Its design facilitates cloud connectivity, enabling functionalities such as over-the-air updates, real-time data monitoring, and remote diagnostics, all of which can be pivotal when dealing with dynamic audio patterns in IoT projects. The Particle Photon 2 offers a comprehensive set of tools, libraries, and integrations, designed to streamline both the prototyping and scaling processes for audio-based applications. 

With security being paramount, especially when transmitting audio data, it incorporates encrypted communication protocols and secure boot mechanisms. The growing community around Particle provides a collaborative platform for developers, especially those focusing on audio applications. 

When paired with platforms like Edge Impulse, the Particle Photon 2 is positioned to leverage machine learning capabilities at the edge, optimizing audio data collection, model training, and deployment. 

Let’s now take a look at a tutorial explaining how to implement audio event detection with Particle Photon 2.


Audio Event Detection with Particle Boards

In this tutorial, you'll use machine learning to build a model that recognizes when a doorbell rings. You'll use the Particle Photon 2, a microphone, a cell phone, and Edge Impulse to build this project. You can add the ability to send an SMS message when the doorbell rings by following the tutorial on Particle's website.

Audio event detection is a common machine learning task, and is a hard task to solve using rule-based programming. You'll learn how to collect audio data, build a neural network classifier, and how to deploy your model back to a device. At the end of this tutorial, you'll have a firm understanding of applying machine learning on Particle hardware using Edge Impulse.

Before starting the tutorial

After signing up for a free Edge Impulse account, clone the finished project, including all training data, signal processing and machine learning blocks here: Particle - Doorbell. At the end of the process you will have the full project that comes pre-loaded with training and test datasets.

1. Prerequisites

For this tutorial you'll need the:

Before starting ingestion create an Edge Impulse account if you haven't already. To collect audio data you can use any mobile phone. Follow in the instructions on that page to connect your phone to your Edge Impulse project.

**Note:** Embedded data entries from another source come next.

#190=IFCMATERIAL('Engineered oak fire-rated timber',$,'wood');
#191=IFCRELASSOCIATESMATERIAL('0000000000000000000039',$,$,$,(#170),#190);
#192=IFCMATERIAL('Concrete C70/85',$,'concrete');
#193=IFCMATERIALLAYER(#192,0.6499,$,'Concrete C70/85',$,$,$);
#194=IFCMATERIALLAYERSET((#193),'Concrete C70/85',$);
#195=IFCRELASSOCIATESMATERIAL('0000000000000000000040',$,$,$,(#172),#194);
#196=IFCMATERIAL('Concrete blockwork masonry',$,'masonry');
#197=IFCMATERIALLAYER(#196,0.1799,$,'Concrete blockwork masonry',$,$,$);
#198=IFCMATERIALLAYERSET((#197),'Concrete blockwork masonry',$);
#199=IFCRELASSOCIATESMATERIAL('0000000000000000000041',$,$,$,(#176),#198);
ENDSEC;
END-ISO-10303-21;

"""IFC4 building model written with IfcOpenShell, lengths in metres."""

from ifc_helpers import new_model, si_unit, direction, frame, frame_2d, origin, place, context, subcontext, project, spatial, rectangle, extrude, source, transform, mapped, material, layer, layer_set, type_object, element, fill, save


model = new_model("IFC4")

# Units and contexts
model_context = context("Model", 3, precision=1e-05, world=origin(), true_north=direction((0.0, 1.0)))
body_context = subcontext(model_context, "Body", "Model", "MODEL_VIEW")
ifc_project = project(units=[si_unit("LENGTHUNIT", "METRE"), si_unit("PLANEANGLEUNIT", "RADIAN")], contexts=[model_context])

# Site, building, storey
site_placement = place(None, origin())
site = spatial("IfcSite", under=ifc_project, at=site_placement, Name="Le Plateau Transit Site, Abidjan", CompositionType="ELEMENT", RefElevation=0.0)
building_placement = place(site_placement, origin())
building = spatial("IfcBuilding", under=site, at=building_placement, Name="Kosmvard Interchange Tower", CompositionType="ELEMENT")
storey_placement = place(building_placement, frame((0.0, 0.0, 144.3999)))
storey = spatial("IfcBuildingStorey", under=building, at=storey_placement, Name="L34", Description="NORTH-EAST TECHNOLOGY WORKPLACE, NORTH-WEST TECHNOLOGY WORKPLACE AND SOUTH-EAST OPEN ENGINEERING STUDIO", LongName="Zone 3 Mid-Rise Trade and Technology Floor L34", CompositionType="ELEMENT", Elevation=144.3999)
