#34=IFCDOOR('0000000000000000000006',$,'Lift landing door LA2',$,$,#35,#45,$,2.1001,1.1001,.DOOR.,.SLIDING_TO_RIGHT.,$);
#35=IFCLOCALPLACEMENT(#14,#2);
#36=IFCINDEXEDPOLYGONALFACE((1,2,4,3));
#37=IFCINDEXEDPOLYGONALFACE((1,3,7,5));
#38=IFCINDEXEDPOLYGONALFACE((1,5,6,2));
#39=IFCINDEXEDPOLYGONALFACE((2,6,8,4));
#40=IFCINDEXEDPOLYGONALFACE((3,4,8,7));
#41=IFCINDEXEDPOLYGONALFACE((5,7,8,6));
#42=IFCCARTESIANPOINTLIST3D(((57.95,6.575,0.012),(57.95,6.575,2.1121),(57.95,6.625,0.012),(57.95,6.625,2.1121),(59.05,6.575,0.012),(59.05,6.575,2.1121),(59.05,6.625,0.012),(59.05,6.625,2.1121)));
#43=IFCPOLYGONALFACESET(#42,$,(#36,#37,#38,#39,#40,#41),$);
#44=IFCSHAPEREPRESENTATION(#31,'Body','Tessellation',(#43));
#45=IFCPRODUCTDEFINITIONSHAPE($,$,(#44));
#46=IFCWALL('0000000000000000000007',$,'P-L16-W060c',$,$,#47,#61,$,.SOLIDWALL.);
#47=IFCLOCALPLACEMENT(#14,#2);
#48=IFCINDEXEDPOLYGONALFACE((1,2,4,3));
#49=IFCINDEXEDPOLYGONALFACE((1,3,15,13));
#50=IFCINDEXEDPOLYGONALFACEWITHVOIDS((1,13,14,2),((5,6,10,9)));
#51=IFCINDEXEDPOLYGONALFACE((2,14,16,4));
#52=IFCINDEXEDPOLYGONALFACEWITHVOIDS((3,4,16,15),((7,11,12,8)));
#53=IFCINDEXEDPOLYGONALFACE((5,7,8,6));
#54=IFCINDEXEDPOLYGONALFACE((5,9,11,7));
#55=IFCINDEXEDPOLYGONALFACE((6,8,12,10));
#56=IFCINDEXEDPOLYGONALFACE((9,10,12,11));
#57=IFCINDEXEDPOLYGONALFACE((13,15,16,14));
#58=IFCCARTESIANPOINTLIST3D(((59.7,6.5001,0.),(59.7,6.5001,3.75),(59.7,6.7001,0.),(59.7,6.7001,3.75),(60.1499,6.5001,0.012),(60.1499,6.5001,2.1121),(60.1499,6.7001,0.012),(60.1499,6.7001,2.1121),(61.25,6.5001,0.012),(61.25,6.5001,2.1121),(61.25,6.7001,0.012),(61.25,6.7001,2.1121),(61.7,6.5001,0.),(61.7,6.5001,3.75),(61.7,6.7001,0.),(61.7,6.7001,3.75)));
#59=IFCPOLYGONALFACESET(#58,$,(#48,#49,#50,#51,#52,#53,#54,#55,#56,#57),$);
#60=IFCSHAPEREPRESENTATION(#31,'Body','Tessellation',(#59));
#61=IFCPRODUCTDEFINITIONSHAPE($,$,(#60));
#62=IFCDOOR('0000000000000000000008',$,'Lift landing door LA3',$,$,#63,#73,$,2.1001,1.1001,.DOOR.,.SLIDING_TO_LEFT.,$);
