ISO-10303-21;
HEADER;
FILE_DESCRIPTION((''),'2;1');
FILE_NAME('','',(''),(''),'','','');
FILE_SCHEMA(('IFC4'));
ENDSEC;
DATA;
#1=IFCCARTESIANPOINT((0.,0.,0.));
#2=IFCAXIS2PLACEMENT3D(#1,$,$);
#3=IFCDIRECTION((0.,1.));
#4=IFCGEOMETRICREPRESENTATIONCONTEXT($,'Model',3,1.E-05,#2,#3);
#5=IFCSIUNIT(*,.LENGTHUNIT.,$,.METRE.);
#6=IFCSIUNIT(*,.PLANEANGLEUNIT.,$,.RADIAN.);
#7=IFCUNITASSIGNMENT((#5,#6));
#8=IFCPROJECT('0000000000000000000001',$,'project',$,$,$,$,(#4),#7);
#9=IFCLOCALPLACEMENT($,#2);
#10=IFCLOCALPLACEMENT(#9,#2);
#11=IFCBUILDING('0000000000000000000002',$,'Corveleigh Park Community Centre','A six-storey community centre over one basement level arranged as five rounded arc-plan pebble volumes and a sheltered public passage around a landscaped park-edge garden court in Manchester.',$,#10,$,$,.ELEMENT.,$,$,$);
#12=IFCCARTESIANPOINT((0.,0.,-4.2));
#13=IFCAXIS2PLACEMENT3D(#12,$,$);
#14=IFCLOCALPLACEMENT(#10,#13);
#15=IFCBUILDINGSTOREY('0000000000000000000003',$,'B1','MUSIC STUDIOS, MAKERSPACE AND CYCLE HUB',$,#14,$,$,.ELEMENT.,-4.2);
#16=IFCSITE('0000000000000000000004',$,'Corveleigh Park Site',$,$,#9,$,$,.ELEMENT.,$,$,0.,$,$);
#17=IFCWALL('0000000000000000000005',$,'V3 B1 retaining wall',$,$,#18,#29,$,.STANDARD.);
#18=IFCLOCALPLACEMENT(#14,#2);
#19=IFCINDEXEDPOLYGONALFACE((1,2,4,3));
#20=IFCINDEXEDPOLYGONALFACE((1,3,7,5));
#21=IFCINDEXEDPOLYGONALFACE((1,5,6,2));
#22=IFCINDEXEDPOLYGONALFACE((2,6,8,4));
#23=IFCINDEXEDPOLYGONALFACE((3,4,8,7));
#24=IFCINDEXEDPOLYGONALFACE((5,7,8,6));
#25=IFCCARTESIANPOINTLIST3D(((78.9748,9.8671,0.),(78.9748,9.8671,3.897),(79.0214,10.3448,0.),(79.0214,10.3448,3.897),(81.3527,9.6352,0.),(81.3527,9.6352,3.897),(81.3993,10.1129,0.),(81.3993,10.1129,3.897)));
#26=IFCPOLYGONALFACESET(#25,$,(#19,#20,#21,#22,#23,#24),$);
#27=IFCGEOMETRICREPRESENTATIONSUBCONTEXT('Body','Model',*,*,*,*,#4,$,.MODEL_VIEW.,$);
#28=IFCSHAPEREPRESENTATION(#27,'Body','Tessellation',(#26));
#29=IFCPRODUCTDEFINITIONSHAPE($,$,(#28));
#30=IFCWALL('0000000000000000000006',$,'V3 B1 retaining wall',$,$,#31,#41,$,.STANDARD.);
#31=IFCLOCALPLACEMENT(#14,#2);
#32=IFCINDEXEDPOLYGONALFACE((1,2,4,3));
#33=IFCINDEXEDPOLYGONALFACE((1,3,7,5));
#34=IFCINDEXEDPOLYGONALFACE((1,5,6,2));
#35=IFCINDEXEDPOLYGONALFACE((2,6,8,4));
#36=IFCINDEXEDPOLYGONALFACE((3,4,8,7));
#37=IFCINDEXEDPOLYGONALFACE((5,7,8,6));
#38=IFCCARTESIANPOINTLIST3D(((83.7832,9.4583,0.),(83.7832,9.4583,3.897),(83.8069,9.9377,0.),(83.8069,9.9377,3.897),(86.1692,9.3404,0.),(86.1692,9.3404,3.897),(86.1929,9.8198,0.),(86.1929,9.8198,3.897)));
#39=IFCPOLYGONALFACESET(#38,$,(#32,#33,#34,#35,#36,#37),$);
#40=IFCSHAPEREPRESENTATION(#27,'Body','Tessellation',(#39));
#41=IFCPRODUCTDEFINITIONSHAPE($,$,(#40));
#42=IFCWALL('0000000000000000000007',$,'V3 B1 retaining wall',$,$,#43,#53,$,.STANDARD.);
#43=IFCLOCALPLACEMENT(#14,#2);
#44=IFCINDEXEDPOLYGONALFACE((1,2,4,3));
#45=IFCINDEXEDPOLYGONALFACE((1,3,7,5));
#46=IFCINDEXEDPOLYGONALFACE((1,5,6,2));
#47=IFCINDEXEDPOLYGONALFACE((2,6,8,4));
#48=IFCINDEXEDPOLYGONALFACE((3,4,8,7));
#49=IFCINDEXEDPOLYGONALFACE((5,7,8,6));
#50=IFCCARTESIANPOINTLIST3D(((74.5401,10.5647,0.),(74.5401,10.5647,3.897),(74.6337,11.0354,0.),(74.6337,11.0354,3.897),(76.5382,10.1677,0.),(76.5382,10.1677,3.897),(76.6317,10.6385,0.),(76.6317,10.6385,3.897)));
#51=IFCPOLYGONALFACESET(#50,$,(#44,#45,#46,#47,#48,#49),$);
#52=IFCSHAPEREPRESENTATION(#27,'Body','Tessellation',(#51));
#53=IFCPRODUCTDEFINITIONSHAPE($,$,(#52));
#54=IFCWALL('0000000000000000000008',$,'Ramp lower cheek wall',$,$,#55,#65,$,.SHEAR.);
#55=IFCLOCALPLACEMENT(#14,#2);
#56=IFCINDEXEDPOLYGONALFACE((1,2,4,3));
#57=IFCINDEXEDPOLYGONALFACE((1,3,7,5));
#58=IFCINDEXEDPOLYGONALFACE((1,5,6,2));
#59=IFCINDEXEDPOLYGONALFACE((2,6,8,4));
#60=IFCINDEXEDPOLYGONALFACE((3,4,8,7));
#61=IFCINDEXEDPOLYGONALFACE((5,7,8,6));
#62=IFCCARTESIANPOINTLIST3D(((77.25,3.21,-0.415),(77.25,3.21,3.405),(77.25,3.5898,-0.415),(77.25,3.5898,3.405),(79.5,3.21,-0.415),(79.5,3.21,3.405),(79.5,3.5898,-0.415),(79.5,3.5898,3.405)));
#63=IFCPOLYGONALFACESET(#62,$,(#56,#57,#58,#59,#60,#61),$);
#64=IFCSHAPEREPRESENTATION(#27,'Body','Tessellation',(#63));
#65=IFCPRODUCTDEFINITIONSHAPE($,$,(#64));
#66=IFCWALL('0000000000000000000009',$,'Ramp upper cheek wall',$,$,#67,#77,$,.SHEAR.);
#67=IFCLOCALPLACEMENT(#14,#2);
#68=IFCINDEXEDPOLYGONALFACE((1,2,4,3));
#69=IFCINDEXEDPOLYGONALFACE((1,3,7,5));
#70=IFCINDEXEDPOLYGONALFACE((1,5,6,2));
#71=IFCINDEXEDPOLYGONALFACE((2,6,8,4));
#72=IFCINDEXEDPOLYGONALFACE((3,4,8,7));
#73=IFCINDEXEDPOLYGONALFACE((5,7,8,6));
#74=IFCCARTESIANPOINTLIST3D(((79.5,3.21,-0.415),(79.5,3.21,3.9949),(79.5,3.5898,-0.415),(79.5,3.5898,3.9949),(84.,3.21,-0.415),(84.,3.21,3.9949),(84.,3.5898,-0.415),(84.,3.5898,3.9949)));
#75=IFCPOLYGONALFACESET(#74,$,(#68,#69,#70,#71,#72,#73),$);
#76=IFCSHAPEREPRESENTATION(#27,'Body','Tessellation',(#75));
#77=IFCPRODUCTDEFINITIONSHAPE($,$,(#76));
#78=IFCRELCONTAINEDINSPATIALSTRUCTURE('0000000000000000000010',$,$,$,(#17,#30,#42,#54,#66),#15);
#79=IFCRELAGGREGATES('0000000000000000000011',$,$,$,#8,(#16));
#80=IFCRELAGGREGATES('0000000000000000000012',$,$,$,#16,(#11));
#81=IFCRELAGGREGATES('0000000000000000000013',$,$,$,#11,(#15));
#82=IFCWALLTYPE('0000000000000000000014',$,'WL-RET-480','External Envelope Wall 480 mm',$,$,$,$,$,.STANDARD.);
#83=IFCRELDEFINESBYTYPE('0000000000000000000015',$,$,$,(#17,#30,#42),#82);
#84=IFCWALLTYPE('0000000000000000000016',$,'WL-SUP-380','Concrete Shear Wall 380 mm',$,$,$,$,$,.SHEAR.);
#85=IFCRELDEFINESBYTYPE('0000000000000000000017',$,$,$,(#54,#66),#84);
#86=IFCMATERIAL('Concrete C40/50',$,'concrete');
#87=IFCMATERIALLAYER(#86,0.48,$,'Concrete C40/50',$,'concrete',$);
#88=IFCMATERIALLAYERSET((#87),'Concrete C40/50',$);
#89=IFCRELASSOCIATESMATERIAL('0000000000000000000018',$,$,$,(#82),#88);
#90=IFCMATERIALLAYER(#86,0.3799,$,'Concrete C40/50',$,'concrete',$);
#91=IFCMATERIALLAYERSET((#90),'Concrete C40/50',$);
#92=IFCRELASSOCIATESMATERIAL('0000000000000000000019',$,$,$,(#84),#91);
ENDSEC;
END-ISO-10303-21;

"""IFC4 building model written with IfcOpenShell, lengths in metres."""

from ifc_helpers import new_model, si_unit, direction, frame, frame_2d, origin, place, context, subcontext, project, spatial, rectangle, extrude, material, layer, layer_set, type_object, element, save


model = new_model("IFC4")

# Units and contexts
model_context = context("Model", 3, precision=1e-05, world=origin(), true_north=direction((0.0, 1.0)))
body_context = subcontext(model_context, "Body", "Model", "MODEL_VIEW")
ifc_project = project(units=[si_unit("LENGTHUNIT", "METRE"), si_unit("PLANEANGLEUNIT", "RADIAN")], contexts=[model_context])

# Site, building, storey
site_placement = place(None, origin())
site = spatial("IfcSite", under=ifc_project, at=site_placement, Name="Corveleigh Park Site", CompositionType="ELEMENT", RefElevation=0.0)
building_placement = place(site_placement, origin())
building = spatial("IfcBuilding", under=site, at=building_placement, Name="Corveleigh Park Community Centre", Description="A six-storey community centre over one basement level arranged as five rounded arc-plan pebble volumes and a sheltered public passage around a landscaped park-edge garden court in Manchester.", CompositionType="ELEMENT")
storey_placement = place(building_placement, frame((0.0, 0.0, -4.2)))
storey = spatial("IfcBuildingStorey", under=building, at=storey_placement, Name="B1", Description="MUSIC STUDIOS, MAKERSPACE AND CYCLE HUB", CompositionType="ELEMENT", Elevation=-4.2)

# Shared definitions
ifc_material_1 = material(Name="Concrete C40/50", Category="concrete")

# Walls
ifc_layer_1 = layer(ifc_material_1, 0.48, Name="Concrete C40/50", Category="concrete")
ifc_layer_set_1 = layer_set([ifc_layer_1], Name="Concrete C40/50")
wall_type_1 = type_object("IfcWallType", Name="WL-RET-480", Description="External Envelope Wall 480 mm", PredefinedType="STANDARD", material=ifc_layer_set_1)
wall_1_placement = place(storey_placement, frame((81.376, 9.874, 0.0), z_axis=(0.0, 0.0, 1.0), x_axis=(-0.995277, 0.097075, 0.0)))
element("IfcWall", 1, at=wall_1_placement, inside=storey, type_object=wall_type_1, Name="V3 B1 retaining wall", PredefinedType="STANDARD", context=body_context, shape_type="SweptSolid", body=[
    extrude(rectangle(XDim=2.3892, YDim=0.48, at=frame_2d((1.1946, 0.0))), origin(), (0.0, 0.0, 1.0), 3.897),
])
wall_2_placement = place(storey_placement, frame((86.1809, 9.5801, 0.0), z_axis=(0.0, 0.0, 1.0), x_axis=(-0.998781, 0.049362, 0.0)))
element("IfcWall", 2, at=wall_2_placement, inside=storey, type_object=wall_type_1, Name="V3 B1 retaining wall", PredefinedType="STANDARD", context=body_context, shape_type="SweptSolid", body=[
    extrude(rectangle(XDim=2.3889, YDim=0.48, at=frame_2d((1.1943, 0.0))), origin(), (0.0, 0.0, 1.0), 3.897),
])
wall_3_placement = place(storey_placement, frame((76.585, 10.4031, 0.0), z_axis=(0.0, 0.0, 1.0), x_axis=(-0.980829, 0.194871, 0.0)))
element("IfcWall", 3, at=wall_3_placement, inside=storey, type_object=wall_type_1, Name="V3 B1 retaining wall", PredefinedType="STANDARD", context=body_context, shape_type="SweptSolid", body=[
    extrude(rectangle(XDim=2.0371, YDim=0.48, at=frame_2d((1.0186, 0.0))), origin(), (0.0, 0.0, 1.0), 3.897),
])
ifc_layer_2 = layer(ifc_material_1, 0.3799, Name="Concrete C40/50", Category="concrete")
ifc_layer_set_2 = layer_set([ifc_layer_2], Name="Concrete C40/50")
wall_type_2 = type_object("IfcWallType", Name="WL-SUP-380", Description="Concrete Shear Wall 380 mm", PredefinedType="SHEAR", material=ifc_layer_set_2)
wall_4_placement = place(storey_placement, frame((77.25, 3.3999, -0.415), z_axis=(0.0, 0.0, 1.0), x_axis=(1.0, 0.0, 0.0)))
element("IfcWall", 4, at=wall_4_placement, inside=storey, type_object=wall_type_2, Name="Ramp lower cheek wall", PredefinedType="SHEAR", context=body_context, shape_type="SweptSolid", body=[
    extrude(rectangle(XDim=2.25, YDim=0.3799, at=frame_2d((1.125, 0.0))), origin(), (0.0, 0.0, 1.0), 3.8201),
])
wall_5_placement = place(storey_placement, frame((79.5, 3.3999, -0.415), z_axis=(0.0, 0.0, 1.0), x_axis=(1.0, 0.0, 0.0)))
element("IfcWall", 5, at=wall_5_placement, inside=storey, type_object=wall_type_2, Name="Ramp upper cheek wall", PredefinedType="SHEAR", context=body_context, shape_type="SweptSolid", body=[
    extrude(rectangle(XDim=4.5, YDim=0.3799, at=frame_2d((2.25, 0.0))), origin(), (0.0, 0.0, 1.0), 4.4099),
])

save(model, "model.ifc")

Once your device is connected under Devices in the studio you can proceed:

edge-impulse-toolConnected devices

2. Collecting your first data

To build this project, you'll need to collect some audio data that will be used to train the machine learning model. Since the goal is to detect the sound of a doorbell, you'll need to collect some examples of that. You'll also need some examples of typical background noise that doesn't contain the sound of a doorbell, so the model can learn to discriminate between the two. These two types of examples represent the two classes we'll be training our model to detect: unknown noise, or doorbell.

Your phone will show up like any other device in Edge Impulse, and will automatically ask permission to use sensors. Let's start by recording an example of background noise that doesn't contain the sound of a doorbell. On your cell set the label to unknown, the sample length to 2 seconds. This indicates that you want to record 1 second of audio, and label the recorded data as unknown. You can later edit these labels if needed.

After you click Start recording, the device will capture a second of audio and transmit it to Edge Impulse.

When the data has been uploaded, you will see a new line appear under 'Collected data' in the Data acquisition tab of your Edge Impulse project. You will also see the waveform of the audio in the 'RAW DATA' box. You can use the controls underneath to listen to the audio that was captured.

audio-waveformAudio waveform

Machine learning works best with lots of data, so a single sample won't cut it. Now is the time to start building your own dataset. For example, use the following two classes, and record around 3 minutes of data per class:

  • doorbell - Record yourself ringing the doorbell in the same room

  • unknown - Record the background noise in your house

3. Designing an impulse

With the training set in place you can design an impulse. An impulse takes the raw data, slices it up in smaller windows, uses signal processing blocks to extract features, and then uses a learning block to classify new data. Signal processing blocks always return the same values for the same input and are used to make raw data easier to process, while learning blocks learn from past experiences.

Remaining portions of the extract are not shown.